Lori Eshleman, who has taught at ASU since 1994, has always been drawn to those spaces in time where cultural and religious traditions have encountered each other, from the European Middle Ages to colonial Latin America to the American West. Her new book of historical fiction explores the overlap of complex issues of race, gender, politics and religion through characters whose lives become entwined during an uprising in the Andean kingdom of Quito in the 1700s.

For more information on the event, click here.

Franz Wright Reading

It’s finally here! Tomorrow, Superstition Review and the Virginia G. Piper Center for Creative Writing are hosting a reading with Pulitzer Prize-winning poet Franz Wright!

Franz Wright, born in Austria and educated at Oberlin College, received the Pulitzer Prize in 2004 for his book of poetry Walking to Martha’s Vineyard.

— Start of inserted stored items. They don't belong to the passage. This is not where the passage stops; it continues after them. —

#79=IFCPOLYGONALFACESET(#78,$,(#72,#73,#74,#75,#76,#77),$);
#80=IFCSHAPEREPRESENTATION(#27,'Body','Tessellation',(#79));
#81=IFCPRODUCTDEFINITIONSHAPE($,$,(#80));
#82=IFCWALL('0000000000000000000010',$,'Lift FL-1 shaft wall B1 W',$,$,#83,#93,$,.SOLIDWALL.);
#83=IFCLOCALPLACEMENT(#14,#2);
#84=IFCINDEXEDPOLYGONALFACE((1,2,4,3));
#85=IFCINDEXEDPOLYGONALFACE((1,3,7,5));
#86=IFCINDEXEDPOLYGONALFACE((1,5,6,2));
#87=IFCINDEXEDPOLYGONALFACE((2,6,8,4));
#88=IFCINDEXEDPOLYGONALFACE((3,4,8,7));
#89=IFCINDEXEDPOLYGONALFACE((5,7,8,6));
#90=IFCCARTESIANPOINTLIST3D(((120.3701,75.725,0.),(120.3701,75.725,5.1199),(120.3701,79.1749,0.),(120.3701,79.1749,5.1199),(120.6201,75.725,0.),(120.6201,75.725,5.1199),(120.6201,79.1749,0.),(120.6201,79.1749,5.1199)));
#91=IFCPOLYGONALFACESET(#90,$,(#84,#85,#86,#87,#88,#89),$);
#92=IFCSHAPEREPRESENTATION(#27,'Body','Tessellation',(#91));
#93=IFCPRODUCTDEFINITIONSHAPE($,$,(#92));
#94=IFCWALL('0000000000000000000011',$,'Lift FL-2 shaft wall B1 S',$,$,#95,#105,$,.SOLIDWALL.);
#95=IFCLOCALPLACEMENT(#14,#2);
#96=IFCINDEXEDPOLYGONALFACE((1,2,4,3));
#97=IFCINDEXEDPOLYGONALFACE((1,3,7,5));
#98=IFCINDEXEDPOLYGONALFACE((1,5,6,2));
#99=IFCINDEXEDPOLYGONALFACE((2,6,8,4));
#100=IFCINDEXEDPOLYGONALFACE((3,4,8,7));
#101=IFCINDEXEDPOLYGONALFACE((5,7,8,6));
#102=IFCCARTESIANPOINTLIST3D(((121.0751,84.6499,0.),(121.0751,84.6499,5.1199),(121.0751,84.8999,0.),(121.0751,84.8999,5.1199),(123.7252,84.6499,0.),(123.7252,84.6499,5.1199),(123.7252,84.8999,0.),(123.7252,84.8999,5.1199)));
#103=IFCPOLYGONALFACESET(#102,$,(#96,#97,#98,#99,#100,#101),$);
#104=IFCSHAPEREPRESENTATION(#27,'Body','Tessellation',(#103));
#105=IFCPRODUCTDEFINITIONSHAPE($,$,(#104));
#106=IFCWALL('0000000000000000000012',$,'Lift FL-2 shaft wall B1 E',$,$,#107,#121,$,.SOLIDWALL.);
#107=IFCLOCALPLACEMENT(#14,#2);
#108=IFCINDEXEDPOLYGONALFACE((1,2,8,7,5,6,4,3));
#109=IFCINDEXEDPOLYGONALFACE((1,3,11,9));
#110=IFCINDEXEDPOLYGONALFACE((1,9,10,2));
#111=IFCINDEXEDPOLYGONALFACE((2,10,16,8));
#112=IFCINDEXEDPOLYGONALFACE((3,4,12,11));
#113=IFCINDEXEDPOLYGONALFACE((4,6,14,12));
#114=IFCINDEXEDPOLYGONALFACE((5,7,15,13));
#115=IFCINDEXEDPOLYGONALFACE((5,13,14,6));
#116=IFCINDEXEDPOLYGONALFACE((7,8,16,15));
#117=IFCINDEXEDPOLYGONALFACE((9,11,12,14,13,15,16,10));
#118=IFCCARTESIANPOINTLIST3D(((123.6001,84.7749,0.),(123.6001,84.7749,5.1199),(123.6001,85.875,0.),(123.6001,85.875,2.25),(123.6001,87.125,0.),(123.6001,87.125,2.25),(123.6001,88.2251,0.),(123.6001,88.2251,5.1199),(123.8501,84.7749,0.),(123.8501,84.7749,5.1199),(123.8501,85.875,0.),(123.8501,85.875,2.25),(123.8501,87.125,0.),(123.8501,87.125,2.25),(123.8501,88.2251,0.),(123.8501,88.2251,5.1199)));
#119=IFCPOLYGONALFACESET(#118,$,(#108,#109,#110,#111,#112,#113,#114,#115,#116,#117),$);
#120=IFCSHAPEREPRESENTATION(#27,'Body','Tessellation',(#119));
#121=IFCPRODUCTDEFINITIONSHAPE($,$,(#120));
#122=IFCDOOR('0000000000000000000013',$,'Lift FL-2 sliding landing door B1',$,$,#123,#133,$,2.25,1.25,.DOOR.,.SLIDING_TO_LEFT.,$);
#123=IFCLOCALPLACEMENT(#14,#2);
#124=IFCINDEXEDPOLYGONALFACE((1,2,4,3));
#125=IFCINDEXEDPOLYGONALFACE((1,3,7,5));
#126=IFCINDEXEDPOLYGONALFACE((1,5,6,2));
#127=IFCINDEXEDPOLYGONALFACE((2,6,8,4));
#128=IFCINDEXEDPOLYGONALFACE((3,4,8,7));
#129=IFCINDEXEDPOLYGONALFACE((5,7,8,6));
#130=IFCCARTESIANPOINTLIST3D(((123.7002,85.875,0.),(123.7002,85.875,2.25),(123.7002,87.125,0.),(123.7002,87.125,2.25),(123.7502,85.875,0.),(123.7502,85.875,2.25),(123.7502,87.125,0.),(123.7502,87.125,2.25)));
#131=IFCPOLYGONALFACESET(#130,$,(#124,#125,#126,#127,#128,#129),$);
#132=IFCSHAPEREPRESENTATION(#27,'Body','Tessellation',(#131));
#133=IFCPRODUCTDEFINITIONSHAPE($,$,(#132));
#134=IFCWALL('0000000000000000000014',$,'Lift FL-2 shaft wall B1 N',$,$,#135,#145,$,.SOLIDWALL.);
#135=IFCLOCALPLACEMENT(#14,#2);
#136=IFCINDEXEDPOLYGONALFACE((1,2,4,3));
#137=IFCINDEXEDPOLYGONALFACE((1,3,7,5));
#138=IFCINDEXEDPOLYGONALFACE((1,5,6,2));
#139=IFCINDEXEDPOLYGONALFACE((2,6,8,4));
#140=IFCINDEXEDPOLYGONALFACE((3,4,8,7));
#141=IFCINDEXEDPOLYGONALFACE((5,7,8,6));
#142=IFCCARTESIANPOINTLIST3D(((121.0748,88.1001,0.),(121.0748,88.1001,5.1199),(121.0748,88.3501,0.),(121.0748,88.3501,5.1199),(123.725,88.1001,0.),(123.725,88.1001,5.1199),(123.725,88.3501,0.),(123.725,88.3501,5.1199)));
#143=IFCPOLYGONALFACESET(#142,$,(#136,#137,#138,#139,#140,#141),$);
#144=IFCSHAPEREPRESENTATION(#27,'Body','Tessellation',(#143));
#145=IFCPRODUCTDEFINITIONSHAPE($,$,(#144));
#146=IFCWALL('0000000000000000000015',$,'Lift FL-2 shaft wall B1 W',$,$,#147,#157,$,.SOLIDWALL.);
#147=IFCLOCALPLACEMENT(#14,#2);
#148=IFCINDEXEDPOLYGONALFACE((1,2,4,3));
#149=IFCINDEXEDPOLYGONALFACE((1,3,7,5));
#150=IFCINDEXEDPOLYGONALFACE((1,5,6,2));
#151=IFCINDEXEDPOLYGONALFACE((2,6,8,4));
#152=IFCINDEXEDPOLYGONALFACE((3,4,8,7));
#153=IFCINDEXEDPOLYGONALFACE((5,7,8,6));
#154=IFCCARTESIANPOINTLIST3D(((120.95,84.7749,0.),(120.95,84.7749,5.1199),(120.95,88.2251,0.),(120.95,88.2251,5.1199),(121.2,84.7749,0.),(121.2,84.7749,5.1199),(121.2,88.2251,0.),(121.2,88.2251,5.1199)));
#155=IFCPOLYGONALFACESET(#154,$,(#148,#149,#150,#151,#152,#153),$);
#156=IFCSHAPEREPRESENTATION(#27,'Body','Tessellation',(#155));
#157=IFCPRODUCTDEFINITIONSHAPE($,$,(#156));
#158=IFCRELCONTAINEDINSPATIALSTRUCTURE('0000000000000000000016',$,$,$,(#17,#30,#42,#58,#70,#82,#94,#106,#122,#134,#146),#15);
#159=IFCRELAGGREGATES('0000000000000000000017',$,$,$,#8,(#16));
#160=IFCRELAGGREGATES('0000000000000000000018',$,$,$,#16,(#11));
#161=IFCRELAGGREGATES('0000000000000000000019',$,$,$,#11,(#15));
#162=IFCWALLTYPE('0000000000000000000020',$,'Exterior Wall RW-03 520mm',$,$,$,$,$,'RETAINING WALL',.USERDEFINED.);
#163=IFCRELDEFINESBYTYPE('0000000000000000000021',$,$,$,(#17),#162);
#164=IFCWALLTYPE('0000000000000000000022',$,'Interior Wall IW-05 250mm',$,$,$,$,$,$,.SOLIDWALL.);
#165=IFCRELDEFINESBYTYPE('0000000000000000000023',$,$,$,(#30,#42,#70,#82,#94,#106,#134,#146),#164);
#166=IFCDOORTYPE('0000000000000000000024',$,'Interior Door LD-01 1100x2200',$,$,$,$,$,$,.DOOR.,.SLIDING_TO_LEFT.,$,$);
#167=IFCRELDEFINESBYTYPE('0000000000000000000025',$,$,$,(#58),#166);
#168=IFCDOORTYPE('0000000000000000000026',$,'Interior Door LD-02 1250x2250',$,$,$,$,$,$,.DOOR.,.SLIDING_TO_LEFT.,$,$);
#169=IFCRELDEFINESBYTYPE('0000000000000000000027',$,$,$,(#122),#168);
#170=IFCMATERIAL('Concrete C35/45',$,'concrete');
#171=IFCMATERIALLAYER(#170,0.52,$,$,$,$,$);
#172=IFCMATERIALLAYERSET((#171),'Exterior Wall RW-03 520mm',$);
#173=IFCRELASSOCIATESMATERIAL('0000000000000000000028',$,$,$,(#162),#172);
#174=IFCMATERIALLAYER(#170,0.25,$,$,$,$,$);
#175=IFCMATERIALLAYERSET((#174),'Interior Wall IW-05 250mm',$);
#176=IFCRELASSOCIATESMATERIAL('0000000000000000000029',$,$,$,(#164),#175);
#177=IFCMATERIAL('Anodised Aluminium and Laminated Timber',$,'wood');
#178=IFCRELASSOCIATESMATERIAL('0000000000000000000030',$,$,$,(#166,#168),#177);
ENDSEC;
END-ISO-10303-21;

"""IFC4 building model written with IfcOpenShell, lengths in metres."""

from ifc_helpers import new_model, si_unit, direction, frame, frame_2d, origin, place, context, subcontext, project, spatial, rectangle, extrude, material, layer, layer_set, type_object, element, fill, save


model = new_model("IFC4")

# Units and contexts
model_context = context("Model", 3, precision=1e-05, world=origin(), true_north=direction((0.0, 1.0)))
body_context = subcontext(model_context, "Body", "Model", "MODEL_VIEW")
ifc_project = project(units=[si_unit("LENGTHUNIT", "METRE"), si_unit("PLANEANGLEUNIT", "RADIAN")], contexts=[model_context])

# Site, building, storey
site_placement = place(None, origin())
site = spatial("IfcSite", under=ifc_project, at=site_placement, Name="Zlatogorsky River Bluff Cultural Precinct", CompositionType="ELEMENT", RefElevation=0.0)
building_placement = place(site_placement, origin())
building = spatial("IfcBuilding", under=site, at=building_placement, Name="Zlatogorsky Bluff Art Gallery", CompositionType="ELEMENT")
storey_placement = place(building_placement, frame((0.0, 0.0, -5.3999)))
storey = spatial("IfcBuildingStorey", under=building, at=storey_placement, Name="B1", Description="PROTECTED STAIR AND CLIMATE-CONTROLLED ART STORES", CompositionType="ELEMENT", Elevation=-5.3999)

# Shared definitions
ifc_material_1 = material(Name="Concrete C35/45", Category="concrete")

Critics have praised Wright for his poetry, exclaiming that “Wright oscillates between direct and evasive dictions, between the barroom floor and the arts club podium, from aphoristic aside to icily poetic abstraction.” The Boston Review has said of Wright’s poetry; “among the most honest, haunting, and human being written today.” Other works by Wright include Wheeling Motel, God’s Silence, The Beforelife, Going North in Winter, and many others.

The reading and book signing will be held on Tuesday, April 20th at the Pima Auditorium (Room 230) in the Memorial Union at 7:30 p.m.

The following day, April 21, a public craft Q&A will be held at 11:00 a.m. at the Piper Writers House on the ASU Tempe campus.